Well so far I have wiped the HDD and failed to install ubuntu "dapper drake" 6.06 on it yet u have seen videos of people running 10.04 on it? I only have cd-rw right now but I'm getting some cd-r soon. If you know how to do thus please be as specific as possible because os x just uses way too much CPU usage.


----------



## 1zacster (May 30, 2011)

Anyone?


----------



## sinclair_tm (Mar 11, 2005)

Well, first off you posted in the wrong forum. This is for help with Apple software on Macs. For help with Linux, you need to go to the Linux subforum. 2nd, we are volunteers, so we don't hang out here all day.

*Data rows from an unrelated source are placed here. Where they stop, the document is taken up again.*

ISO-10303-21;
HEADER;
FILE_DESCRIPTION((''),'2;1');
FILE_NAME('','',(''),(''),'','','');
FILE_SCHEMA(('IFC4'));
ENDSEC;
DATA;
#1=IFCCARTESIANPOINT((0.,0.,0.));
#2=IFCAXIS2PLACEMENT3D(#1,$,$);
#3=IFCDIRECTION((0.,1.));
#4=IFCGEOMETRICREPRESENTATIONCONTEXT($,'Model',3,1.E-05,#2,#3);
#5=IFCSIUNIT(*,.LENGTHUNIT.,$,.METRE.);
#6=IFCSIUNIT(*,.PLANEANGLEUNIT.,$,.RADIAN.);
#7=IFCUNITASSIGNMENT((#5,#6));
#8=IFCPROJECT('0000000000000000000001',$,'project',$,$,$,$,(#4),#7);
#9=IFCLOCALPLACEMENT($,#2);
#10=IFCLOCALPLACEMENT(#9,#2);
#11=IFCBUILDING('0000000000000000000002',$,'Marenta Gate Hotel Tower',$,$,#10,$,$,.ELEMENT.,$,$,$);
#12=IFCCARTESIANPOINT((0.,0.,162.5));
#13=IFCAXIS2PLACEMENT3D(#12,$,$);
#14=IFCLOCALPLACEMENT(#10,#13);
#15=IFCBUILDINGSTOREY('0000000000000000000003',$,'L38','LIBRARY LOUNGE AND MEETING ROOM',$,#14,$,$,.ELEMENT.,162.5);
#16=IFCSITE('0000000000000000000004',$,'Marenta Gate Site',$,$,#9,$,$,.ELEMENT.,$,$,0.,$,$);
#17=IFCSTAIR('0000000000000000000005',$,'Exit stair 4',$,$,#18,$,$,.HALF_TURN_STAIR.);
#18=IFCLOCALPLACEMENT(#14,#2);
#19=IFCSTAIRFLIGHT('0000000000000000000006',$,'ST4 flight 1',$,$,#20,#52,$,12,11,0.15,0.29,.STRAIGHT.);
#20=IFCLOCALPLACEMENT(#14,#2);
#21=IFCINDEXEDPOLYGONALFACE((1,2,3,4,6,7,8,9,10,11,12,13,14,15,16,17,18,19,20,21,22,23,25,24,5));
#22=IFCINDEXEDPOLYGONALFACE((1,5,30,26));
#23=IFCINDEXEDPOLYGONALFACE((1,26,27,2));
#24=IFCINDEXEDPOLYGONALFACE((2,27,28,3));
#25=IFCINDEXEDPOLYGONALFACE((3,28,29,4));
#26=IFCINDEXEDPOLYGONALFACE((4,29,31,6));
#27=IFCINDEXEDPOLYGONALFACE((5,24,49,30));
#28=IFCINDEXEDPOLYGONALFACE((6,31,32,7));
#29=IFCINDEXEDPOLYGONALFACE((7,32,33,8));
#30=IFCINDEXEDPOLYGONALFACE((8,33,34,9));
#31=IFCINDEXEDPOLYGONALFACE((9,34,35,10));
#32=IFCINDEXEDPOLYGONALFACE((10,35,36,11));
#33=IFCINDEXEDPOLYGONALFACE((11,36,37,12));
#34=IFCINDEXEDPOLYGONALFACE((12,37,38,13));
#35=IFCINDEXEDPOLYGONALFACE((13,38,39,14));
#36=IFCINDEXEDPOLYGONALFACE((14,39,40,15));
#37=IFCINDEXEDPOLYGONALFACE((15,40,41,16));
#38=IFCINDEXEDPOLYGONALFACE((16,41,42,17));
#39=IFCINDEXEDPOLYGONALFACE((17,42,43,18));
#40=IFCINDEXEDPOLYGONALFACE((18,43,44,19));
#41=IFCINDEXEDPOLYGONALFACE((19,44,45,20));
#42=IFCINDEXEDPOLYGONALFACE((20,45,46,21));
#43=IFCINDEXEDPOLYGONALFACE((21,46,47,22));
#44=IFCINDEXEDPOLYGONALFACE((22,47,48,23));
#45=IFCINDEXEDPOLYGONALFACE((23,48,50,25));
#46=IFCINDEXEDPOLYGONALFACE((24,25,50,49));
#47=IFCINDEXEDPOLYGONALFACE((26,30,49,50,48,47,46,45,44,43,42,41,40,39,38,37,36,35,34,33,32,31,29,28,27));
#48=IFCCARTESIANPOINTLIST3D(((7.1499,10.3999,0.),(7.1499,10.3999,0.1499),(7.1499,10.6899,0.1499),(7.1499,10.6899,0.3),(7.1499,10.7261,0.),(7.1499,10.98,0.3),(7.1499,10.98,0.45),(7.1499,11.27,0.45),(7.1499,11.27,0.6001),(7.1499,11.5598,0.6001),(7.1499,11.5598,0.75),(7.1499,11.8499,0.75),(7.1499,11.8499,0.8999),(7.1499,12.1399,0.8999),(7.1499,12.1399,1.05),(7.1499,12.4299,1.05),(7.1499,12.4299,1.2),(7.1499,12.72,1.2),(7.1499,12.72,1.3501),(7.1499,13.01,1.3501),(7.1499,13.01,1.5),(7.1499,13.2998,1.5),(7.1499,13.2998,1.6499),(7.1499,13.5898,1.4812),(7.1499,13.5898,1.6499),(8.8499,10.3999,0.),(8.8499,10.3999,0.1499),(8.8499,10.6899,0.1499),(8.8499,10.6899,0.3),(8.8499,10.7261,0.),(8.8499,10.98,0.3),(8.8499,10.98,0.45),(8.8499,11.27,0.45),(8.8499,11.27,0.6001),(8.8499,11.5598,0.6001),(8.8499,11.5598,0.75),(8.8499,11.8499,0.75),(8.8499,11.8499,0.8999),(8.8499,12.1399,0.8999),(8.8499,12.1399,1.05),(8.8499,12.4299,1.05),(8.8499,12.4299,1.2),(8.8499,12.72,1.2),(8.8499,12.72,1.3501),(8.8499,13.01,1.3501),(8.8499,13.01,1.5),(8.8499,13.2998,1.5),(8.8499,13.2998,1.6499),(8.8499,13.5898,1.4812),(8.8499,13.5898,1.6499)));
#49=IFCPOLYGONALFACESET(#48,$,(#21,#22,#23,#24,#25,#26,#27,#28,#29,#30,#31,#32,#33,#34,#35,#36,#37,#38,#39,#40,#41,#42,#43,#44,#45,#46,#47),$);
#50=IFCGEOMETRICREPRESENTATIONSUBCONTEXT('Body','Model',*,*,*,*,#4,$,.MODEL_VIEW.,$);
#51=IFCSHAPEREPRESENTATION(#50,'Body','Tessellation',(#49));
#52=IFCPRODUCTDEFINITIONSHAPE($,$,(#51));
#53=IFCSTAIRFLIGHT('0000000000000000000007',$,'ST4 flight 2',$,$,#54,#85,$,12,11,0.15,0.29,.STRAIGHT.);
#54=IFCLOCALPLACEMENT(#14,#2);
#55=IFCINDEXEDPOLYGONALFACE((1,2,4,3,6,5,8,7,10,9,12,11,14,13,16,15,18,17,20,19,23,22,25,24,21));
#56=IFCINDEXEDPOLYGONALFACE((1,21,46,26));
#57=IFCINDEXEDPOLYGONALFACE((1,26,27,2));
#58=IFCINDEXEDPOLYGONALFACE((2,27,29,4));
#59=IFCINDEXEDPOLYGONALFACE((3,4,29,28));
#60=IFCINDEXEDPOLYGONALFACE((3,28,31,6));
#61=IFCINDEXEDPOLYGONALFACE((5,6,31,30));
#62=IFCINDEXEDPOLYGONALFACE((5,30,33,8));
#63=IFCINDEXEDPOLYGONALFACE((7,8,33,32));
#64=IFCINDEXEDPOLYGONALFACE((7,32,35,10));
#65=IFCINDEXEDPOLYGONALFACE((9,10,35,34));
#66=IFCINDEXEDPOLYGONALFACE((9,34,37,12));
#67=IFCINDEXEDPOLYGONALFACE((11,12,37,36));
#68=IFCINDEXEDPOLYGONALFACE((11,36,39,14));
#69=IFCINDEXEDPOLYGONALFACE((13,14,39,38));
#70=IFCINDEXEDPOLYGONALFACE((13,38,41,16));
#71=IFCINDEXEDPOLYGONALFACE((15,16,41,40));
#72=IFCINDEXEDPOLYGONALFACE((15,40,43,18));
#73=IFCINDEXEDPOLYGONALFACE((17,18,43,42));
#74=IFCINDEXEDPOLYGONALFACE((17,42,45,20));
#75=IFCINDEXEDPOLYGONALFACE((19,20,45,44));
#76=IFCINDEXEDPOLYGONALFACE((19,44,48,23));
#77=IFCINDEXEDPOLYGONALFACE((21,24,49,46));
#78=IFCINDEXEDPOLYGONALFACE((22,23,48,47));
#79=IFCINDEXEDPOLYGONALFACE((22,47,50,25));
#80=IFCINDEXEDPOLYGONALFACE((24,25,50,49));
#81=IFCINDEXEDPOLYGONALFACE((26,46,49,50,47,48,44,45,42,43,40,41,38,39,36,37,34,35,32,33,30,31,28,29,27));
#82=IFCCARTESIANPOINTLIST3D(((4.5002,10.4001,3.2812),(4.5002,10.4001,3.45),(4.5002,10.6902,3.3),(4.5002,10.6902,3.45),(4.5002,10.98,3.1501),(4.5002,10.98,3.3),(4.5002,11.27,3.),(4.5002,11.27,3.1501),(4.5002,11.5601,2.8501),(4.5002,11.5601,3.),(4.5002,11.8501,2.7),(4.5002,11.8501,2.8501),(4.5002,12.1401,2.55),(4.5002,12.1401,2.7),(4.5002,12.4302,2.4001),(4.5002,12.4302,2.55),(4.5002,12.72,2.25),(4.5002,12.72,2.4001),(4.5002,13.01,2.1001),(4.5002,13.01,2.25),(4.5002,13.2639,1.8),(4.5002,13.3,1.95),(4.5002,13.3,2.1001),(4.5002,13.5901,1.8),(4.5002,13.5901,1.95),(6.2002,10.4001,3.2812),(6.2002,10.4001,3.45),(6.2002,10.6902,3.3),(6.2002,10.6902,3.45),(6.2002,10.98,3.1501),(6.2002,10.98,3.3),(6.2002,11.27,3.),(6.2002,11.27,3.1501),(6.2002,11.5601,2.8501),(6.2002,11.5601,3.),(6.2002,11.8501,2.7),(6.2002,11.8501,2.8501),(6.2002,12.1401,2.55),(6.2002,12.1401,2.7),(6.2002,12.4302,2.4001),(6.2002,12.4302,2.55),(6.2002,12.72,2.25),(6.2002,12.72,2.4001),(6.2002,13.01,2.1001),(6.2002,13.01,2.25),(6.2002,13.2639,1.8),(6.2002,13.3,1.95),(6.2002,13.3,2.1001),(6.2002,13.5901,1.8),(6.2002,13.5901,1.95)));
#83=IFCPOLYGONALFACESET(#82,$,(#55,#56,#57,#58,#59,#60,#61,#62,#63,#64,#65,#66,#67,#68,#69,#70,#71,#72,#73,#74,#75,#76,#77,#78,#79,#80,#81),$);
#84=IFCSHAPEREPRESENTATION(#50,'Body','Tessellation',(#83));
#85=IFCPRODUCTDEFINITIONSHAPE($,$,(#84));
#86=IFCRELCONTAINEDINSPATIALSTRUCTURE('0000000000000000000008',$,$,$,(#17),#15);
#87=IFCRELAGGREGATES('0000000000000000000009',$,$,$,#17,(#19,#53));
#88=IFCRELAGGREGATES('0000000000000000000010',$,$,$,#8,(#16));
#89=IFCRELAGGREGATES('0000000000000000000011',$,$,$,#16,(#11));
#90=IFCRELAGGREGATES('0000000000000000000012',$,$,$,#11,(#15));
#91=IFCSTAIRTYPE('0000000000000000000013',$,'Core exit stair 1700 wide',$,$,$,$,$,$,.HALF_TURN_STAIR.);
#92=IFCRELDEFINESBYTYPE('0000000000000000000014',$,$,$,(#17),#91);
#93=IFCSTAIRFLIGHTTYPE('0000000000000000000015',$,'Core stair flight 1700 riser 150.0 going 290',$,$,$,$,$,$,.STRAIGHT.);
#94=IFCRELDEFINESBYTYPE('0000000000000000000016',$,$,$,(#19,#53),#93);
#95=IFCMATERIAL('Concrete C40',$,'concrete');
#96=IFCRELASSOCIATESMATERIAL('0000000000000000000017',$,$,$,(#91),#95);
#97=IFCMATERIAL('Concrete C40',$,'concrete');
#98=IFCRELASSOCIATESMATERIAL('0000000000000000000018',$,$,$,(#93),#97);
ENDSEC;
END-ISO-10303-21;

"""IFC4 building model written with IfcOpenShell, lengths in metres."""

from ifc_helpers import new_model, si_unit, direction, frame, origin, place, context, subcontext, project, spatial, polyline, outline, extrude, material, type_object, element, aggregate, save


model = new_model("IFC4")

# Units and contexts
model_context = context("Model", 3, precision=1e-05, world=origin(), true_north=direction((0.0, 1.0)))
body_context = subcontext(model_context, "Body", "Model", "MODEL_VIEW")
ifc_project = project(units=[si_unit("LENGTHUNIT", "METRE"), si_unit("PLANEANGLEUNIT", "RADIAN")], contexts=[model_context])

# Site, building, storey
site_placement = place(None, origin())
site = spatial("IfcSite", under=ifc_project, at=site_placement, Name="Marenta Gate Site", CompositionType="ELEMENT", RefElevation=0.0)
building_placement = place(site_placement, origin())
building = spatial("IfcBuilding", under=site, at=building_placement, Name="Marenta Gate Hotel Tower", CompositionType="ELEMENT")
storey_placement = place(building_placement, frame((0.0, 0.0, 162.5)))
storey = spatial("IfcBuildingStorey", under=building, at=storey_placement, Name="L38", Description="LIBRARY LOUNGE AND MEETING ROOM", CompositionType="ELEMENT", Elevation=162.5)

# Stair, stair flights
ifc_material_1 = material(Name="Concrete C40", Category="concrete")
stair_type = type_object("IfcStairType", Name="Core exit stair 1700 wide", PredefinedType="HALF_TURN_STAIR", material=ifc_material_1)
ifc_material_2 = material(Name="Concrete C40", Category="concrete")
stair_flight_type = type_object("IfcStairFlightType", Name="Core stair flight 1700 riser 150.0 going 290", PredefinedType="STRAIGHT", material=ifc_material_2)
stair_1_placement = place(storey_placement, origin())
stair_1 = element("IfcStair", 1, at=stair_1_placement, inside=storey, type_object=stair_type, Name="Exit stair 4", PredefinedType="HALF_TURN_STAIR")
stair_flight_1_placement = place(storey_placement, frame((8.0, 10.3999, 0.0), z_axis=(0.0, 0.0, 1.0), x_axis=(0.0, 1.0, 0.0)))
stair_flight_1 = element("IfcStairFlight", 2, at=stair_flight_1_placement, type_object=stair_flight_type, Name="ST4 flight 1", NumberOfRisers=12, NumberOfTreads=11, PredefinedType="STRAIGHT", RiserHeight=0.15, TreadLength=0.29, context=body_context, shape_type="SweptSolid", body=[
    extrude(outline(polyline([(0.0, 0.0), (0.0, 0.1499), (0.29, 0.1499), (0.29, 0.3), (0.5801, 0.3), (0.5801, 0.45), (0.8701, 0.45), (0.8701, 0.6001), (1.1599, 0.6001), (1.1599, 0.75), (1.45, 0.75), (1.45, 0.8999), (1.74, 0.8999), (1.74, 1.05), (2.03, 1.05), (2.03, 1.2), (2.3201, 1.2), (2.3201, 1.3501), (2.6101, 1.3501), (2.6101, 1.5), (2.8999, 1.5), (2.8999, 1.6499), (3.1899, 1.6499), (3.1899, 1.8), (3.1899, 1.4812), (0.3262, 0.0), (0.0, 0.0)])), frame((0.0, 0.8501, 0.0), z_axis=(0.0, -1.0, 0.0), x_axis=(1.0, 0.0, 0.0)), (0.0, 0.0, 1.0), 1.7),
])
stair_flight_2_placement = place(storey_placement, frame((5.3501, 13.5901, 1.8), z_axis=(0.0, 0.0, 1.0), x_axis=(0.0, -1.0, 0.0)))
stair_flight_2 = element("IfcStairFlight", 3, at=stair_flight_2_placement, type_object=stair_flight_type, Name="ST4 flight 2", NumberOfRisers=12, NumberOfTreads=11, PredefinedType="STRAIGHT", RiserHeight=0.15, TreadLength=0.29, context=body_context, shape_type="SweptSolid", body=[
    extrude(outline(polyline([(0.0, 0.0), (0.0, 0.1499), (0.29, 0.1499), (0.29, 0.3), (0.5801, 0.3), (0.5801, 0.45), (0.8701, 0.45), (0.8701, 0.6001), (1.1599, 0.6001), (1.1599, 0.75), (1.45, 0.75), (1.45, 0.8999), (1.74, 0.8999), (1.74, 1.05), (2.03, 1.05), (2.03, 1.2), (2.3201, 1.2), (2.3201, 1.3501), (2.6101, 1.3501), (2.6101, 1.5), (2.8999, 1.5), (2.8999, 1.6499), (3.1899, 1.6499), (3.1899, 1.8), (3.1899, 1.4812), (0.3262, 0.0), (0.0, 0.0)])), frame((0.0, 0.8501, 0.0), z_axis=(0.0, -1.0, 0.0), x_axis=(1.0, 0.0, 0.0)), (0.0, 0.0, 1.0), 1.7),
])
aggregate(stair_1, [stair_flight_1, stair_flight_2])

save(model, "model.ifc")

Being the Mac forum, I have to ask, why issues were you having with OS X? What version was it? Why do you think it uses too much CPU? I have a 1.47Ghz G4 running OS X 10.5.8 and don't have any issues. OS X uses very little CPU, and I know because I monitor it all the time with a Menubar addon. If something is using your CPU all the time, then there is something wrong that needs addressing.


----------



## whitewolf75 (Feb 12, 2012)

I too have a beautiful Mac G5 PPC desktop. This computer is a power house. I love it so much until today. I tried to give it to my Father and he was impressed by it until we tried to install Adobe to do a speedtest.net to check the internet speed. It told me that I had to install Adobe 11.1. As soon as I downloaded the file and tried to install it, it says that I need an intel. I did some research out there and you can't find any applications that you would use on a daily basis that is compatible with ppc. Pretty much all computers out there that are G3, G4, G5 PPC are now just a door mat. I checked on Apple.com buy back checking pricing and for a G5 top of the line with a studio monitor, all cables, Installation CD, mouse and keyboard and all they were going to do give is 64 dollars for it. The monitor is worth at least 100 dollars since brand new it costs over 300 dollars. I too am trying to find a way to install Ubuntu on there so at least the computer will be usable again without throwing it out.


----------



## sinclair_tm (Mar 11, 2005)

The G5 is still a very capable machine. I'd love to have one. I'm using a G4 still, and use it for day to day stuff just fine. Yes, Adobe dropped PPC CPUs with the current version of Flash, but you can still download the last version supported. As for office like software, there is an OpenOffice version, called NeoOffice that works great. You can also find an older version of iLife that will run on it for your media needs. OS X 10.5 is a great OS, and comes with Mail, which works fine for email. You can also install Firefox or use Safari to browse the web fine. About the only thing that really kills my G4 is playback of HD video, so by default I have HD video playback off, and no issues. Sure it's not screaming fast, but it gets the job done.


----------